Когда он думал о Гундель, когда мысленно представлял себе ее, трепетную и живую, она рождала в нем совсем другие желания, и тем острее чувствовал он, какое зло причиняет Ангелике. Чего же в сущности ждет он от Гундель? Быть может, что когда-нибудь она будет так же смотреть на него влюбленными глазами, так же ждать и призывать его, как Ангелика? Он и сам не знал, да и не раздумывал долго на эту тему. Он только чувствовал, что этим летом все больше теряет душевное равновесие. И чем ближе придвигался отпуск Гундель, ее отъезд к морю, тем больше он метался. Мысли о Гундель вытеснили грезы об Ангелике, и он начисто забыл, что после концерта дал Кароле слово вскоре с ней встретиться; эти мысли мешали ему работать. Теперь и он узнал, что значит ждать: день за днем ждал он часа, когда на лестнице послышатся знакомые шаги. И вот в последних числах июля, незадолго до отпуска Гундель, он, набравшись смелости, решился на отчаянную попытку — отговорить Гундель от поездки к морю.
Над городом разразилась сильная гроза. Дождь хлестал в окна и барабанил по крыше, когда Хольт постучался к Гундель.

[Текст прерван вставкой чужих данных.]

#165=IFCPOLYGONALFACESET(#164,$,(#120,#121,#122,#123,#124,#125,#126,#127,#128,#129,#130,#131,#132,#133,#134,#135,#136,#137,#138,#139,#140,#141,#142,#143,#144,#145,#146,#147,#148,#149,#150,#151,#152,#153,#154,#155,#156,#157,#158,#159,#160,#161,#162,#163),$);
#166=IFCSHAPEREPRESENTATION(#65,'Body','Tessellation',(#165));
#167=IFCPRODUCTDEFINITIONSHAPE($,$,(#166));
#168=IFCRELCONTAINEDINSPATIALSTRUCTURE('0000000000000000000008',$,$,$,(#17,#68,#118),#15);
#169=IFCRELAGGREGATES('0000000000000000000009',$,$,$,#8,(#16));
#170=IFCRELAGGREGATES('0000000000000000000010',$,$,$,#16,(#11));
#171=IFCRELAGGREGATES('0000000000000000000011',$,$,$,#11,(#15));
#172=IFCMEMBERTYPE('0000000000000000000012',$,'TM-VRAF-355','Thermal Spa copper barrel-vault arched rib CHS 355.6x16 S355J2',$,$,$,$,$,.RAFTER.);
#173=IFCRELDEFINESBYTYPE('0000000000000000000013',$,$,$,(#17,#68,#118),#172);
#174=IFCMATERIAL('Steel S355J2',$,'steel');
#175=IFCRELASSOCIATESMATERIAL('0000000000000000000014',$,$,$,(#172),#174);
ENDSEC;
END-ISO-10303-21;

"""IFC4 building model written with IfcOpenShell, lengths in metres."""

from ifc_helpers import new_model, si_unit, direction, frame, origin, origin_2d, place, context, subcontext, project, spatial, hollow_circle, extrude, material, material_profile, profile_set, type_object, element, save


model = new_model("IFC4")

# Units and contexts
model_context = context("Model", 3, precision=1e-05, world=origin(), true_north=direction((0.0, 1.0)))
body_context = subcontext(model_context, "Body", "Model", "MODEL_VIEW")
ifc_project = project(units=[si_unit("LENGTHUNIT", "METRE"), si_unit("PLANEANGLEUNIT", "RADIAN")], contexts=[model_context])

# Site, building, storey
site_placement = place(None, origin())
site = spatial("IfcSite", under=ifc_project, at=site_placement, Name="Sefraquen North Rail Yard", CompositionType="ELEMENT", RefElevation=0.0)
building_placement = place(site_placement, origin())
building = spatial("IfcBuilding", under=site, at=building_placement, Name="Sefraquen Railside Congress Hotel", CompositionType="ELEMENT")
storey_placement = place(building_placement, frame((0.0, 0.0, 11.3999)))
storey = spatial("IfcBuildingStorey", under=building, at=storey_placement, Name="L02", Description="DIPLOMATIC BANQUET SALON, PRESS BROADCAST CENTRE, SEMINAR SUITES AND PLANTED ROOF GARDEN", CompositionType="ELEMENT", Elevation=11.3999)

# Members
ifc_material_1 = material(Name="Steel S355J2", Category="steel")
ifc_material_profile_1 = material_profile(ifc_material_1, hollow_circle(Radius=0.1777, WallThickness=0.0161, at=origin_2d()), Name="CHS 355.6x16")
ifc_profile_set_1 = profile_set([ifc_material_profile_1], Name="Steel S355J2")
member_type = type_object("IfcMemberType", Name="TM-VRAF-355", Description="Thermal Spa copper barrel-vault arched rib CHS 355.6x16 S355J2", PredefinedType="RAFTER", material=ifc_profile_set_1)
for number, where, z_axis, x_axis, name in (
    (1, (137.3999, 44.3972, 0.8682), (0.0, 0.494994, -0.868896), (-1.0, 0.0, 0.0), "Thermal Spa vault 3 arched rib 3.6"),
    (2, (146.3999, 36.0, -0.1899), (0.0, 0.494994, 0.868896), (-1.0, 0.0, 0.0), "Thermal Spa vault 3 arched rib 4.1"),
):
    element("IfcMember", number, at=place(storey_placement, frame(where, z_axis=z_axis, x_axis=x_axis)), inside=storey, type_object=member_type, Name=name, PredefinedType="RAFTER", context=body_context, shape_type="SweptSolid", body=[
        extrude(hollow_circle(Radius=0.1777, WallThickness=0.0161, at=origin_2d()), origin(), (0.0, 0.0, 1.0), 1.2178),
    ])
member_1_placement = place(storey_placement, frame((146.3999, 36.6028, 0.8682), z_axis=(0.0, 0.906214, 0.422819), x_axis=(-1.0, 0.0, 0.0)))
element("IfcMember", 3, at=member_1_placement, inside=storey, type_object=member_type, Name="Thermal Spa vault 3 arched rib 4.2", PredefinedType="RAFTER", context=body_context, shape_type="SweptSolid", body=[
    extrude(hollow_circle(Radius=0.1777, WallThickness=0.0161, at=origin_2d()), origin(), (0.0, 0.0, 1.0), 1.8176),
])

Она стояла перед зеркалом и причесывалась. Хольт остановился на пороге и смотрел, как она разбирает гребнем густые, волнистые пряди своих каштановых волос. Видно, собралась из дому, спешит к Шнайдерайту. Она и принарядилась для Шнайдерайта, надела яркое, в крупный рисунок летнее платьице с облегающим лифом и широкой юбкой. Немного кокетка, как и всякая девушка, она с удовольствием вертелась перед зеркалом и перевязала волосы белой лентой.
Внезапное малодушие овладело Хольтом, он уже не решался просить Гундель, чтобы она отказалась от поездки. Прикрыв за собой дверь, он заговорил с ней дружески и стал рассматривать на столе листы из ее гербария, а также весь ботанический снаряд, подарок его отца. Гундель была весела, видно было, что она в ладу с собой, в каждом ее движении чувствовалась душевная гармония.
— Мне давно хочется тебя спросить… — внезапно вырвалось у Хольта. — Ты счастлива?
Гундель, в последний раз поправлявшая волосы гребешком, замерла.
— Как странно ты спрашиваешь! Конечно, счастлива!..
— Но…
— Никаких «но»! — Она подошла к нему ближе. — Что ты так на меня смотришь? — Она оперлась о стол рядом с Хольтом. — И я была бы совсем счастлива, если бы ты иногда не доставлял мне огорчений.
— Вот уж не ожидал! — сказал он, скрывая за резким тоном свою растерянность.
Лицо ее стало серьезным.
— Я понять не могу, почему ты всех сторонишься и замыкаешься в себе.